The app quickly rose in the UK App Store book charts this week, reaching #13 (that's seventeen places above The Walking Dead and just two behind the DC Comics reader) and getting flagged by Apple as "New and Noteworthy". We'll be releasing new issues from February next year, so get iPadded now.

Not to forget print entirely, though, there's also a fabulous trade paperback edition on high-quality silk finish paper stock that you can buy for $19.99 on Amazon. That's volume one, which collects the first four issues, and volume two will be available by January. And UK readers might want to hold out for the large format harback editions that are due out from PrintMedia Productions in the spring - but those are only going to be available in Britain and Ireland.

Tuesday, 30 November 2010

A thing of beauty

This is a cross-post from the Mirabilis Year of Wonders blog, but I feel justified in squeezing a snippet about my personal projects before some more bits of big news from Fabled Lands LLP over the next week or two.

The Mirabilis Year of Wonders e-comic book is going to go live in only a few weeks now. But I just had to share this pic with you because I've been playing the ad hoc build and it really is a dream. Lush magic lantern colors, razor-sharp graphics, and an interface that's as stylish and smooth as an Irish coffee poured by George Clooney. If you're used to struggling with existing comic reader apps, you're going to be blown away by what our resident iOS wizard has conjured up.

Don't wait. Really, you should go direct to your nearest Apple retail store (look here for Apple in the UK or Apple in the US), buy yourself an iPad for Christmas, and you will then be able to get the reader app and the first chapter of Mirabilis free, with the other chapters available via our nifty in-app storefront. The Mirabilis graphic novel on iPad is our way of telling you that the Year of Wonders has arrived.

Thursday, 16 September 2010

Marvels yet to come

Following on from news of the Fabled Lands gamebooks and RPG, I can reveal there has been some early-stage talk about new print editions of both the Blood Sword and Way of the Tiger gamebooks. Now let me stress that it is just in discussion so far - but Oliver and I have already struck a deal with Fabled Lands LLP for Blood Sword, and Min (that's Mark Smith) is ironing out the WotT details with Jamie. Also, fans of WotT might also be interested to hear that, if Min and Jamie can find the right publisher, there's even a possibility (still but a twinkle in the mind's eye at this stage) of an Orb RPG. How cool is that?
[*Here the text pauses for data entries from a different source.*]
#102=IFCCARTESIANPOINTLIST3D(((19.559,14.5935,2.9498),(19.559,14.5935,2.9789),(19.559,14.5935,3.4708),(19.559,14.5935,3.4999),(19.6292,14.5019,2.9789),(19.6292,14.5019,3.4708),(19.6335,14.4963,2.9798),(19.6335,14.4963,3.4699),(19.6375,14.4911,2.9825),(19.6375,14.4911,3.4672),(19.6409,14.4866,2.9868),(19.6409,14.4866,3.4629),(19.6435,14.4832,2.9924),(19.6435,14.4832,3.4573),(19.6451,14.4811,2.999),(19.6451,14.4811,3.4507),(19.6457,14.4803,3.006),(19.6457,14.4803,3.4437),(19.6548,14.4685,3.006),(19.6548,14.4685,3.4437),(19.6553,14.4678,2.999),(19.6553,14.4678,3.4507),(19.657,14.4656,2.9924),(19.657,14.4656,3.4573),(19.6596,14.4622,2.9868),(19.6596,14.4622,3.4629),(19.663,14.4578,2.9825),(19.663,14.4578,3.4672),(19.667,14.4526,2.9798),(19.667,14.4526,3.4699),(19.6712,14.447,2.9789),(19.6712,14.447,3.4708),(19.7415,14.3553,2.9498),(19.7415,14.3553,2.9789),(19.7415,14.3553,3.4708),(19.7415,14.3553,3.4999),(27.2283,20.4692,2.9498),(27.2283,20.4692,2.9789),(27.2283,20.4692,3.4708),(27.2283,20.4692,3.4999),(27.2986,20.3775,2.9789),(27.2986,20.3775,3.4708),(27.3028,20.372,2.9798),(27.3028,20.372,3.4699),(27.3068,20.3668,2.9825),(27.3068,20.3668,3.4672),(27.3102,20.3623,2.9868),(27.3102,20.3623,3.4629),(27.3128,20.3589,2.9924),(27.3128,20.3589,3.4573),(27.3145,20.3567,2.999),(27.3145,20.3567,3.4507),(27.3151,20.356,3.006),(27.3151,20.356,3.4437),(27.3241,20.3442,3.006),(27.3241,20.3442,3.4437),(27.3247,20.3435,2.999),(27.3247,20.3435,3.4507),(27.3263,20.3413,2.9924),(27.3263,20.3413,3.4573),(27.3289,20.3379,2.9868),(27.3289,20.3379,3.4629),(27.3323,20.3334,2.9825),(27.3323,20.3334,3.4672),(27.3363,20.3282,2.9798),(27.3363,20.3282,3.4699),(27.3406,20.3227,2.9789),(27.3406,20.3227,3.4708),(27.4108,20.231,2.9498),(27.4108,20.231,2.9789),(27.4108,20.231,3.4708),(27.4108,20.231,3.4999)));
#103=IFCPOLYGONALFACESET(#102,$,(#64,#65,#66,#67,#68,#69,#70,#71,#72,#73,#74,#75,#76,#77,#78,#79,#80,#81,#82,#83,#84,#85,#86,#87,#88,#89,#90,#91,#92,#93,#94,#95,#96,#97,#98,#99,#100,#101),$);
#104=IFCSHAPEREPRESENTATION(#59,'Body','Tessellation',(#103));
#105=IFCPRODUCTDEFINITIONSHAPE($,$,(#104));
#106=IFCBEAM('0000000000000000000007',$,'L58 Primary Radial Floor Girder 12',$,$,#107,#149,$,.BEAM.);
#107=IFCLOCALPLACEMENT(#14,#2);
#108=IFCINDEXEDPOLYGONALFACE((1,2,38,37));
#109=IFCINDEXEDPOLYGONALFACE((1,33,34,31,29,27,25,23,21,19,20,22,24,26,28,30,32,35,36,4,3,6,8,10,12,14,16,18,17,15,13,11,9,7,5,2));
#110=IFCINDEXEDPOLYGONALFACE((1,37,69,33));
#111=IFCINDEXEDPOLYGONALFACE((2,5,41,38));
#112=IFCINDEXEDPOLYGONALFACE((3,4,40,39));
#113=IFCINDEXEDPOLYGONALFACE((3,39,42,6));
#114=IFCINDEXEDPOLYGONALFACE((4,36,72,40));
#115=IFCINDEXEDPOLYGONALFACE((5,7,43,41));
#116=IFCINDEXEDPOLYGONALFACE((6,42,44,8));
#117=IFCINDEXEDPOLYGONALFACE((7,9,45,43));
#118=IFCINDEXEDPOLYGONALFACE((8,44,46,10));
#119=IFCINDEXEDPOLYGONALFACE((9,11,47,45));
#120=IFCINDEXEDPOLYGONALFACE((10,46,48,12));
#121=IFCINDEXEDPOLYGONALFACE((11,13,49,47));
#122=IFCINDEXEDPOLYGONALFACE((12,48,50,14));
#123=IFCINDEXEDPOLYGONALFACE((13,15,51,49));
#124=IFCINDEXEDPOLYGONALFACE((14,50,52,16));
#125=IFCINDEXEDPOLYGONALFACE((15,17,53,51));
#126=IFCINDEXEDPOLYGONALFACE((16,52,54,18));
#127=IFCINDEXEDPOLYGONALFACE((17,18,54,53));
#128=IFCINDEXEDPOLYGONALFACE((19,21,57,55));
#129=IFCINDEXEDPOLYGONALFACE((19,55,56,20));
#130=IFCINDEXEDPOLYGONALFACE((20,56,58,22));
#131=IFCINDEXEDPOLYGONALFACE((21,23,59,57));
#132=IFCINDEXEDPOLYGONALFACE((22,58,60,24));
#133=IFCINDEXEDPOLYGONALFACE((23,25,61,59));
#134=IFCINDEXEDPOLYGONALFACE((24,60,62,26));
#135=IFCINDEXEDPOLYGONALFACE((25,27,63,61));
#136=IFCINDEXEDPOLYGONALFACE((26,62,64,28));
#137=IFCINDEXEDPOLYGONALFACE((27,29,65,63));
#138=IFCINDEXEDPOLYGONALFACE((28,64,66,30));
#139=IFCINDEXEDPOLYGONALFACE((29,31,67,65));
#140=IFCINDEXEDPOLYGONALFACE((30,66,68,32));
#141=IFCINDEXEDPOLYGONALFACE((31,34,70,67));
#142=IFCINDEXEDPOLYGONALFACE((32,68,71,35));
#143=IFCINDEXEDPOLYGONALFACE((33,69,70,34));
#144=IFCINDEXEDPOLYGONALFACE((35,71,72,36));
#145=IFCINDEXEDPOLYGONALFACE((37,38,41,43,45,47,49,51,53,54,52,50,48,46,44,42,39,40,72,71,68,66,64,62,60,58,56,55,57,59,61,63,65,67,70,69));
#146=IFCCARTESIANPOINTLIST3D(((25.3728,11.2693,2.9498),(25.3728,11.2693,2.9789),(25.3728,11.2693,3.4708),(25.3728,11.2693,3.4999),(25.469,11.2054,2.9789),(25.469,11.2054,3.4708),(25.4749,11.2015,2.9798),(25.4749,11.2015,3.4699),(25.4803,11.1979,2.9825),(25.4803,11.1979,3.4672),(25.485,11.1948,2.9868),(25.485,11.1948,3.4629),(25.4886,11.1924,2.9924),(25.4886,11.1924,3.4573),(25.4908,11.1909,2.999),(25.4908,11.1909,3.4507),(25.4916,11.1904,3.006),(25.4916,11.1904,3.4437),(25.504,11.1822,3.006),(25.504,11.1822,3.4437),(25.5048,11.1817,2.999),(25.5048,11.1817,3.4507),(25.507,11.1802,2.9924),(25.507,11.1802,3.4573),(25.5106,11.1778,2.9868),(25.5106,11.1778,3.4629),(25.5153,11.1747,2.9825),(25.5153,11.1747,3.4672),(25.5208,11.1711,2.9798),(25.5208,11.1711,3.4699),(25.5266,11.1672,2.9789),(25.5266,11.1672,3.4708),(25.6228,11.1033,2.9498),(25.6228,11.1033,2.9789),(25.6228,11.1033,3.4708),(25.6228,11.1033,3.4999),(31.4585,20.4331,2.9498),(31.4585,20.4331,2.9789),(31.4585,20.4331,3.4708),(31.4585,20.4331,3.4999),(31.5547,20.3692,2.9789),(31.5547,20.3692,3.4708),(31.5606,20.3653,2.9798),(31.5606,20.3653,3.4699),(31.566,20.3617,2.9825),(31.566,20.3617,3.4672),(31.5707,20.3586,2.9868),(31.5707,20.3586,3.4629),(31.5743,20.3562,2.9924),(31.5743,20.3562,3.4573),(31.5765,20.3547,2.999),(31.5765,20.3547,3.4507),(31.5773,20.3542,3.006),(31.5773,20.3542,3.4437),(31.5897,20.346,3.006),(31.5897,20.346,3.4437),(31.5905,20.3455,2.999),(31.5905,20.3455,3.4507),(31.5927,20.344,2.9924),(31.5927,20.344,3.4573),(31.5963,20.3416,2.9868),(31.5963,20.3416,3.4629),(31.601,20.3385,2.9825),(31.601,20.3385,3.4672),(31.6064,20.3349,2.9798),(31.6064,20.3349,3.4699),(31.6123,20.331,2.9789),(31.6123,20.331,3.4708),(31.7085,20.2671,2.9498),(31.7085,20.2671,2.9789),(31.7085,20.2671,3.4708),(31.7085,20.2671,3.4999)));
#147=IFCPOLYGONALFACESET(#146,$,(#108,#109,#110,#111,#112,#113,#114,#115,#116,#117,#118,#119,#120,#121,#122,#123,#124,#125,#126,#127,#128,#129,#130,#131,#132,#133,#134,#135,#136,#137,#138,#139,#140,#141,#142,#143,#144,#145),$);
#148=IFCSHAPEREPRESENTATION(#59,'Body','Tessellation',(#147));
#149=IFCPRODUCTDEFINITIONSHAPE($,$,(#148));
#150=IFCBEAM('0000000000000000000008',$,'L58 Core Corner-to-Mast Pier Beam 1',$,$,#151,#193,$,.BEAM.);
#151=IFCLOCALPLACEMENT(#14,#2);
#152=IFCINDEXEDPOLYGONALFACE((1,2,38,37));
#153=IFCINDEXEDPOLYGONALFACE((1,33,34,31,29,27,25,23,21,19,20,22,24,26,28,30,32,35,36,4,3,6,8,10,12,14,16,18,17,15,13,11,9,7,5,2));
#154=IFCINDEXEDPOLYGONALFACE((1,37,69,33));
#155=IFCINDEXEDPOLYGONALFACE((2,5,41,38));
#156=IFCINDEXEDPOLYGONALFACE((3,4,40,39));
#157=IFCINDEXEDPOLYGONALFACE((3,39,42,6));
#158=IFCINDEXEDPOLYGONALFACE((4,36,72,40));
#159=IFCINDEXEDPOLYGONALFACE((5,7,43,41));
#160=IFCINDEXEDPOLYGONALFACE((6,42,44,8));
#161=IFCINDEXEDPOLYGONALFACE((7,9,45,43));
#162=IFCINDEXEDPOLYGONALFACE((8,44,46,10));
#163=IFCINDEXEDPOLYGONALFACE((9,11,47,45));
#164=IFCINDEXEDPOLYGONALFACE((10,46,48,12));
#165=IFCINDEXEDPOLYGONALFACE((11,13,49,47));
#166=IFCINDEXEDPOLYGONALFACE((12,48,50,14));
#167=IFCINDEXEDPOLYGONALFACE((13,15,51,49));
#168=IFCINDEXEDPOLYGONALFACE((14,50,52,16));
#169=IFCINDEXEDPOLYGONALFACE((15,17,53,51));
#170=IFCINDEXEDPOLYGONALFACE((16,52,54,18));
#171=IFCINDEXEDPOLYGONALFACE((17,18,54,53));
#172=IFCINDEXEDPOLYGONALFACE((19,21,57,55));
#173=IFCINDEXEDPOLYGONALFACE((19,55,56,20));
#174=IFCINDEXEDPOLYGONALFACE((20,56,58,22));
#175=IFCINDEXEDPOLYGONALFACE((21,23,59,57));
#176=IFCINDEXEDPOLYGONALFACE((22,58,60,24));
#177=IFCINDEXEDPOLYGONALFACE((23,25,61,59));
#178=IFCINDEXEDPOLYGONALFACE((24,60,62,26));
Cooler than the back of the icebox in Superman's fortress, that's how cool.

On top of that, and now that we're all clear that this is gossip over the washing line, I'm hearing rumours that a new publisher may be about to approach Fabled Lands LLP with a proposal to take over the Dragon Warriors license after Magnum Opus Press bows out early next year. The good news for DW players is that this would ensure a smooth handover, hence an uninterrupted flow of new titles. So cross a finger or two, Legend fans. It ain't over till you see the white of Balor's eye.

Anyway, leaving aside all the scuttlebutt and promises, you might like to hear about a cast iron take-it-to-the bank certainty, which is that my current project Mirabilis (co-produced with Leo Hartas, Martin McKenna and Nikos Koutsis) will be out in the form of two splendid full-color graphic novels in plenty of time for Christmas. Mirabilis is a whole other blend of whimsical fantasy from the swords-n-spells of Legend, Orb and FL. Find out if it's your cup of tea right here.